Vernissage le 22 avril à partir de 17h30. Pendant deux mois, le lieu d'exposition de la maison d'édition Âmes Sœurs se fait investir par les œuvres de Clément Montolio, évoquant des paysages marins et boisés réalisées sur des grandes toiles mais aussi des formats plus réduits. Pour compléter l'affiche, une série limitée de foulards réalisées à partir de ses créations sera également exposée.

Fragments du vivant

Regroupant les sculptures en grès et porcelaine de Virginie Delepierre et les horizons peints de Catherine Mainguy, cette double exposition tisse un univers où le ciel, l'eau et la terre se répondent, offrant un regard poétique sur la nature en perpétuel mouvement et invitant le spectateur à contempler la beauté fragile et vivante des formes.

Le vertige du détail

Vernissage le 21 mai.
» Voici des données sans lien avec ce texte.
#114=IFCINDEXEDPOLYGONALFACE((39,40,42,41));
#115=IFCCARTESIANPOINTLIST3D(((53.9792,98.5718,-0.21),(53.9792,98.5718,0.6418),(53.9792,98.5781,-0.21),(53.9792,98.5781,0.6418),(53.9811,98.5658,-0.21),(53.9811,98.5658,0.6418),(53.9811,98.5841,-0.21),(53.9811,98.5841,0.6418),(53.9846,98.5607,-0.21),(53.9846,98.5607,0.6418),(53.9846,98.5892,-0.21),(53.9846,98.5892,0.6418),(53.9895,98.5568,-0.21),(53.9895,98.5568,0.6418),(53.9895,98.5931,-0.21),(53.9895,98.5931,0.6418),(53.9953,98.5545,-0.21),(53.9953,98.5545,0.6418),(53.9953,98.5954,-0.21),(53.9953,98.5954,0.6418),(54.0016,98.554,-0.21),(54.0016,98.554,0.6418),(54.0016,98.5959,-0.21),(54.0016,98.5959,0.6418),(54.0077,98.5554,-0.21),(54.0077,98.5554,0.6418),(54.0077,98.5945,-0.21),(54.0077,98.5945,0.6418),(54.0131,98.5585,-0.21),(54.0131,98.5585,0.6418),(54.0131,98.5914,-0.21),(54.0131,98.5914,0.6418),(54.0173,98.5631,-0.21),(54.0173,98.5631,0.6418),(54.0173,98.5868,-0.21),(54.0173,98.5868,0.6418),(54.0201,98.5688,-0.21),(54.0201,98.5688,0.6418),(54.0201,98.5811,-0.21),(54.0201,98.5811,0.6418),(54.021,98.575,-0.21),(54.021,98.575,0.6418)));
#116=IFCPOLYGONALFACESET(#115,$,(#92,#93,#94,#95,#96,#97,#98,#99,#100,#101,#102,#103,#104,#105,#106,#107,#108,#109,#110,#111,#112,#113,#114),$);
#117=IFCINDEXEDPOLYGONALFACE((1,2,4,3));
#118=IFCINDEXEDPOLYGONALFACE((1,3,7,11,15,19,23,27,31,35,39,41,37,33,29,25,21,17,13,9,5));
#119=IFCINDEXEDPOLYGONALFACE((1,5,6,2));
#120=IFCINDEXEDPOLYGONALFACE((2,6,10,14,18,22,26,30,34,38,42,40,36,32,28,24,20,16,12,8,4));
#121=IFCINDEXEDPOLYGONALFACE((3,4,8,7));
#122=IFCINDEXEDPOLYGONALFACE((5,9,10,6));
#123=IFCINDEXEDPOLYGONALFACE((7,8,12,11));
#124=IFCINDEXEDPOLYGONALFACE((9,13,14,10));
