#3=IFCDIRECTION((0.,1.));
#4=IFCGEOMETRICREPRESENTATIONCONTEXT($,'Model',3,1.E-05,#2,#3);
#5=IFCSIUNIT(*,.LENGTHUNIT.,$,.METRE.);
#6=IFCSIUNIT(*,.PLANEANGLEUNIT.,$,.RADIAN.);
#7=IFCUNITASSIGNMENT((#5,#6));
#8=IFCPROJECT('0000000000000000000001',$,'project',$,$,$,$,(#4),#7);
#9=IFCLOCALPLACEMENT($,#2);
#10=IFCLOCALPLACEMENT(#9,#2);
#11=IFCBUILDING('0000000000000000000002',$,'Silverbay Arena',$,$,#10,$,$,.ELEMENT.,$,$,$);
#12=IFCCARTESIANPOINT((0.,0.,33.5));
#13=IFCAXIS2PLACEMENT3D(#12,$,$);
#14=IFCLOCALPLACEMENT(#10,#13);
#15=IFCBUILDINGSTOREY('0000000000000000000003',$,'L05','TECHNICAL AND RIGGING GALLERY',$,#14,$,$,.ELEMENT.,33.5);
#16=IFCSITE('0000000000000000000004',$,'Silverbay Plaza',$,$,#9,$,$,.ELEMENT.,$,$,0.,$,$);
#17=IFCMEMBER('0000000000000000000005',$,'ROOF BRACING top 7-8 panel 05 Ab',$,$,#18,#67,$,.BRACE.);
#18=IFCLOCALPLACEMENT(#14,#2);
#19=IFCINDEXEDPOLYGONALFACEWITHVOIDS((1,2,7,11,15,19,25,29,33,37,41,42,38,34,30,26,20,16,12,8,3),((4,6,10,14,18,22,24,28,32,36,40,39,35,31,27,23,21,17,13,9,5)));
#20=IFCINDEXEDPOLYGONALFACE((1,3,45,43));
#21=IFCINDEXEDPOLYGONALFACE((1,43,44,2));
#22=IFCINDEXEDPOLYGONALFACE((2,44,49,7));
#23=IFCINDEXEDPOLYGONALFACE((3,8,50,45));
Avec l'univers onirique de Nurhidayat, inspiré par son Indonésie natale pour mettre en scène des personnages hybrides entre l’homme et l’animal dans la poésie de la nature et celui, hyperréaliste, de Nicolas Pégon, qu'il utilise pour créer des œuvres intimes,  la galerie Imag'in accueille une double exposition sous le signe de la représentation.

Sarah Jérôme

Vernissage le 29 janvier à 18h30. Pour sa rentrée 2026, la fondation Bullukian accueillera l'artiste Sarah Jérôme, qui investira le centre d’art avec l’exposition Le Mur invisible, réunissant un corpus d’œuvres inédites inspirées du roman éponyme de Marlen Haushofer.
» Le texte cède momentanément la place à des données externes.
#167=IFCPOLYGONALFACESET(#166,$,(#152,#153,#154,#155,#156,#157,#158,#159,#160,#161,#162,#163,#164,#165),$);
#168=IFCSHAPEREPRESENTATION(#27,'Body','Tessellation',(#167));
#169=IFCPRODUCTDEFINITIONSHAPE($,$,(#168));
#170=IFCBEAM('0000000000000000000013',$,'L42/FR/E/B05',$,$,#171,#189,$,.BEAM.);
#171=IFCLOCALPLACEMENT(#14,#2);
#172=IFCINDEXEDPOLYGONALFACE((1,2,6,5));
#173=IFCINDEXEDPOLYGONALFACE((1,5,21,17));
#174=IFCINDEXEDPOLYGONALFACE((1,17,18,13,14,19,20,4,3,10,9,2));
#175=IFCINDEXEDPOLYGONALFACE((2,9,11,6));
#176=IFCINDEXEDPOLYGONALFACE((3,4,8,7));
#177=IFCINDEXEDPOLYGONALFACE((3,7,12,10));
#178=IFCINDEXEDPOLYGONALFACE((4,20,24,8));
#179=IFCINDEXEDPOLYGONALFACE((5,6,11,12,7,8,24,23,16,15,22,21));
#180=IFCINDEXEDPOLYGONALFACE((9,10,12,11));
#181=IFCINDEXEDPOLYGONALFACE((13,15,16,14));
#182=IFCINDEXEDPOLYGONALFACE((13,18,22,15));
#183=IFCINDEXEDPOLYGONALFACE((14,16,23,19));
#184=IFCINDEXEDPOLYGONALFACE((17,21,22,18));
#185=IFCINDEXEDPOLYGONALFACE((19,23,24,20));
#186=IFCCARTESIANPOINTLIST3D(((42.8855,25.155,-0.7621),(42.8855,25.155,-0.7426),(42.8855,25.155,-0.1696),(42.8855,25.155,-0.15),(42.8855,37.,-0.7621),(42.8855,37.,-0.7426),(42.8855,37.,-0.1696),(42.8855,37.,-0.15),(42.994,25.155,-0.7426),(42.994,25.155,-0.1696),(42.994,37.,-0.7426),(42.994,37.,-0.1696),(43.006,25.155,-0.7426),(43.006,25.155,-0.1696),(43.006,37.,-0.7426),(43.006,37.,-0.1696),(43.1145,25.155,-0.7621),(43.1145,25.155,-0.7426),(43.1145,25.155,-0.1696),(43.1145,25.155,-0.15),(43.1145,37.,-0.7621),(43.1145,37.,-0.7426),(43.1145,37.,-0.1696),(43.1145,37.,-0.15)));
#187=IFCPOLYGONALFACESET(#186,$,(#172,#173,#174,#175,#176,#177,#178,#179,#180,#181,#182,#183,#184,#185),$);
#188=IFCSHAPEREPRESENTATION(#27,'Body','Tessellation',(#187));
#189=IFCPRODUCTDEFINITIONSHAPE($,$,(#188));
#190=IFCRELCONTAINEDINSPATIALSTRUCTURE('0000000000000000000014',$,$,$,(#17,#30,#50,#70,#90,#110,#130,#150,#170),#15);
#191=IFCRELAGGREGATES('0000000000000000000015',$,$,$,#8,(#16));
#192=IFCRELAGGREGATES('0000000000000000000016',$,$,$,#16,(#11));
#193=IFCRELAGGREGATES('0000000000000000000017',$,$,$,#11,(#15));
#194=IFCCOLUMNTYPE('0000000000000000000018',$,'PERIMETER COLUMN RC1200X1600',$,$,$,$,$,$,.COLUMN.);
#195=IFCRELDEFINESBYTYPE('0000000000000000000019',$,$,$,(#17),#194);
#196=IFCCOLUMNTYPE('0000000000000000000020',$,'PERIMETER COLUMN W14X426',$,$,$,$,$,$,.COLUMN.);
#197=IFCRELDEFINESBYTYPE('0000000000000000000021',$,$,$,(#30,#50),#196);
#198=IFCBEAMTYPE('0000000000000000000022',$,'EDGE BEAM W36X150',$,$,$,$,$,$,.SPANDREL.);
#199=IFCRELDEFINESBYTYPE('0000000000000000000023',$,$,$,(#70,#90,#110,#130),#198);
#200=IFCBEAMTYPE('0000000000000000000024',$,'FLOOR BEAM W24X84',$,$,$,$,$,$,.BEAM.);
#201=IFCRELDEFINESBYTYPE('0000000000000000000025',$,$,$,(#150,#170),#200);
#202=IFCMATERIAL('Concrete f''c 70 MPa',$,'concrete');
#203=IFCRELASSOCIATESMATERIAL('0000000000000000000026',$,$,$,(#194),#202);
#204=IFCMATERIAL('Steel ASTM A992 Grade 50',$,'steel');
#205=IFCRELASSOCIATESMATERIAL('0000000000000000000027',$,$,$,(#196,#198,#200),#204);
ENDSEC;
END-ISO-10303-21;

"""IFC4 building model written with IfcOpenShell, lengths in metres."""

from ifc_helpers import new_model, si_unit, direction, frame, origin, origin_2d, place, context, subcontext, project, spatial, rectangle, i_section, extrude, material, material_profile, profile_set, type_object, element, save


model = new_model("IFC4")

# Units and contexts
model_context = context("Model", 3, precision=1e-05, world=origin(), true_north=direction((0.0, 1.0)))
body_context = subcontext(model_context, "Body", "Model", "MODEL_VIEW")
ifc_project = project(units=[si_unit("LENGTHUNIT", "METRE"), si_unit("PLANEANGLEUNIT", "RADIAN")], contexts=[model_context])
Notre avis : Née en 1979 à Rennes, Sarah Jérôme a une double formation dans des structures prestigieuses : diplômée à la fois du Conservatoire national de danse de Paris et de l'École des Beaux-Arts de la même ville. À l'intersection de la danse et des arts plastiques, la jeune femme déploie une œuvre des plus singulières entre dessin, sculpture, peinture, installation et performance... Pour son exposition monographique à Lyon, Le mur invisible, Sarah Jérôme réunira un corpus d'œuvres inédites réalisées lors de sa résidence et inspirées du roman éponyme de Marlen Haushofer.

Franck Chalendard

Vernissage le 5 mai à 19h. En écho avec l'édition 2026 de Jazz à Vienne, Franck Chalendard propose une exposition de sa nouvelle série, réalisée sur des toiles de grand format et inspirée par des variations de jazz. Il présentera également une série de sculptures, comme des continuations de ses peintures dans l’espace et le volume pour parvenir à un prolongement tridimensionnel du tableau.

Jazz à Minus IV

Juste à côté du théâtre antique de Vienne, le cœur du festival Jazz à Vienne, la galerie Minus convie une petite dizaine d'artistes de la région pour une exposition d’œuvres graphiques (tableaux, peintures, sculptures, photographies, aquarelles...) sur le thème du jazz, des musiciennes, des musiciens et de la ville de Vienne.